Страх — страница 21 из 45

Я засмеялся.

– Вы, Настя, так близко к сердцу приняли эту историю, – сказал я.

– Что ж, ведь вы не поленились ехать из-за нее ко мне.

– Да, это правда, – сказал я и добавил несколько тише: – О чем вовсе не сожалею.

Это уже был ход, сделанный неспроста.

– Разумеется, – сказала Настя, окинув быстрым взглядом стол. – Я думаю, здесь обойдутся без нас минут десять.

– Вы в самом деле хотите звонить? – спросил я удивленно. Мистерия внуков и их дедов опять, с новой стороны, готова была, казалось, начаться вдруг.

– Там увидим, – сказала она, подымаясь. – Покамест я просто покажу вам другие наши книги. Идем?

И вновь ее тон не оставил места для раздумий. Я глянул на Тоню. Но она, улыбаясь, смотрела к себе в тарелку, куда кто-то, галантно изогнувшись, подкладывал новую снедь. Я уже сам был приятно сыт и согрет вином. Я кивнул и последовал за Настей.

Опять-таки (уже теперь): не жалею об этом. Она привела меня в кабинет, квадратный, угловой, в два окна, хотя северное было плотно забрано шторой. Зато ангел западного, двойного, сквозь призрачный тюль на миг показал нам Печерск, как в сполохе молний в последнем закатном луче – развалы туч тотчас стерли его. Настя зажгла настольную круглую лампу, и я с изумлением огляделся. Может быть (так кажется мне теперь), это и было то, что я всю жизнь искал. Впрочем, не будем преувеличивать первых чувств – ни тогда, ни сейчас, здесь. Здесь, на горе́, я, может быть, просто радуюсь приятному воспоминанию, предвосхищая итог.

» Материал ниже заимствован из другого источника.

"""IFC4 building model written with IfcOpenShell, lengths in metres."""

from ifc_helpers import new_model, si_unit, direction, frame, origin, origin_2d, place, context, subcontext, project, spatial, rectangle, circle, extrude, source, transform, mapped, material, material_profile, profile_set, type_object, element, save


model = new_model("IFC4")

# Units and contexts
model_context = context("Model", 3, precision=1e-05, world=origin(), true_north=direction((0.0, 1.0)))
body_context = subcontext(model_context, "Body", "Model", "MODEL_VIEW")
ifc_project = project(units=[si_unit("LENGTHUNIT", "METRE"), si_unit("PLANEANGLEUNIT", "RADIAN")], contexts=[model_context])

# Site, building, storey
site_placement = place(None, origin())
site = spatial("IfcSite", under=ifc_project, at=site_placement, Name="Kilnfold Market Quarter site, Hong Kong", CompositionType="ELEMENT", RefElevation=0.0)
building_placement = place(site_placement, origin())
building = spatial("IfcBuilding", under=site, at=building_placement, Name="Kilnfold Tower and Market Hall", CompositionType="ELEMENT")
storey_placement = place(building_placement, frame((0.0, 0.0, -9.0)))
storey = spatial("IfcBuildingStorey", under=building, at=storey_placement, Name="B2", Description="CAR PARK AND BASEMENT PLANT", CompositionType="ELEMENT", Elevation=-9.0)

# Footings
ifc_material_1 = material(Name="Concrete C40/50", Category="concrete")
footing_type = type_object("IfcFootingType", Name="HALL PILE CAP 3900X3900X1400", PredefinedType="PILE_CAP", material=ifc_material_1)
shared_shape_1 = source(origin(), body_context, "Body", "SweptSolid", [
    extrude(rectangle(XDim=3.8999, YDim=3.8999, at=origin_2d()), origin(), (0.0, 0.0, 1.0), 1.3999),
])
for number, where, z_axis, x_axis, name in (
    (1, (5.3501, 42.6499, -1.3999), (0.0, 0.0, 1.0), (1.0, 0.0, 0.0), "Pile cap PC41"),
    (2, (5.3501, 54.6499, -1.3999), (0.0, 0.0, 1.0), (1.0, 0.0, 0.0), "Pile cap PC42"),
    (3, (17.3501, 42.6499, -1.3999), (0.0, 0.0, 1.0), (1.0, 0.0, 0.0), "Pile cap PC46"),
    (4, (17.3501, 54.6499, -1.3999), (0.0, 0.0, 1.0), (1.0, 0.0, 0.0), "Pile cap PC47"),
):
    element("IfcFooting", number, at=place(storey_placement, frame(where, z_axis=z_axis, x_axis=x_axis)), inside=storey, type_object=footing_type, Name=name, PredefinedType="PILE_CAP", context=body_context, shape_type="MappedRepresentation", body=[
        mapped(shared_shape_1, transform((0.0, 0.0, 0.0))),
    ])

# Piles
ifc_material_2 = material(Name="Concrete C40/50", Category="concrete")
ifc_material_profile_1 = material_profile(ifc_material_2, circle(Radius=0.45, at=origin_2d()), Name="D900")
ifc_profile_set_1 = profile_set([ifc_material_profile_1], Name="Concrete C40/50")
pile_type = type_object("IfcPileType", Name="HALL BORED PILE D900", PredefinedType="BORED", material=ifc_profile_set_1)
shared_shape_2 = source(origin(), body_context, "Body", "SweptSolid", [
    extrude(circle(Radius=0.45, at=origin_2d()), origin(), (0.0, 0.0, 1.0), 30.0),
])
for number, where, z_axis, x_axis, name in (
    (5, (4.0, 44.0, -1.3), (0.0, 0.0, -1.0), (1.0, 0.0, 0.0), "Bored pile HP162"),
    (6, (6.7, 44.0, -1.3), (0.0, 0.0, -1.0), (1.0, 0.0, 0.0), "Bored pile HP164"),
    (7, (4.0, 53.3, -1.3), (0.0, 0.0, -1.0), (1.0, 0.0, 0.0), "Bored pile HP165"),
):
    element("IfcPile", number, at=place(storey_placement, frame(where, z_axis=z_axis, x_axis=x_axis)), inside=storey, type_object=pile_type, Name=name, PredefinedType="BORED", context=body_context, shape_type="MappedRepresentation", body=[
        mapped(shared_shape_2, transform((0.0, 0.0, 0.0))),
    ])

Кабинет был… не найду слов. Главное в нем было то, что он действительно был. Существуют предчувствия, или предпочтения, симпатии, – о которых мы знаем лишь очень смутно; такова мгновенная любовь, в которую не веришь сам. Но напрасны потом любые потуги ума: сумма черт не равна их смыслу. И я вряд ли добился бы результата, просто перечислив порядок предметов или оценив их вид в тот вечер в этой дивной комнате. Тут было несколько стенных шкафов, и пара выцветших ковриков между ними, и толстый ковер на полу с умопомрачительным узором, похожим на фундамент столь изощренного храма, с которым не сладит никакая архитектура. Огромный стол с этажеркой, увенчанной крупным парусником из тех, что продавала Ассоль и покупал Гарвей, и ваза на подоконнике с одним высохшим цветком, и кресло очень древней постройки с резными подлокотниками, и – настоящая редкость – тоже резной дорожный сундук – все это занимало остаток места. Единственная кровать, широкая, как тахта, хотя и с изножьем, стояла странно: в углу, у стены, однако ж была придвинута к краю еще одного книжного шкафа, до которого никак нельзя было добраться, не встав коленями на нее. А между тем именно в нем – я сразу разглядел – были нужные мне книги: их, верно, читали перед сном. Во всех прочих размещалась техника, атласы, словари и, кажется, астрономия: ее оправдывал исподволь поставленный на платяной шкап телескоп.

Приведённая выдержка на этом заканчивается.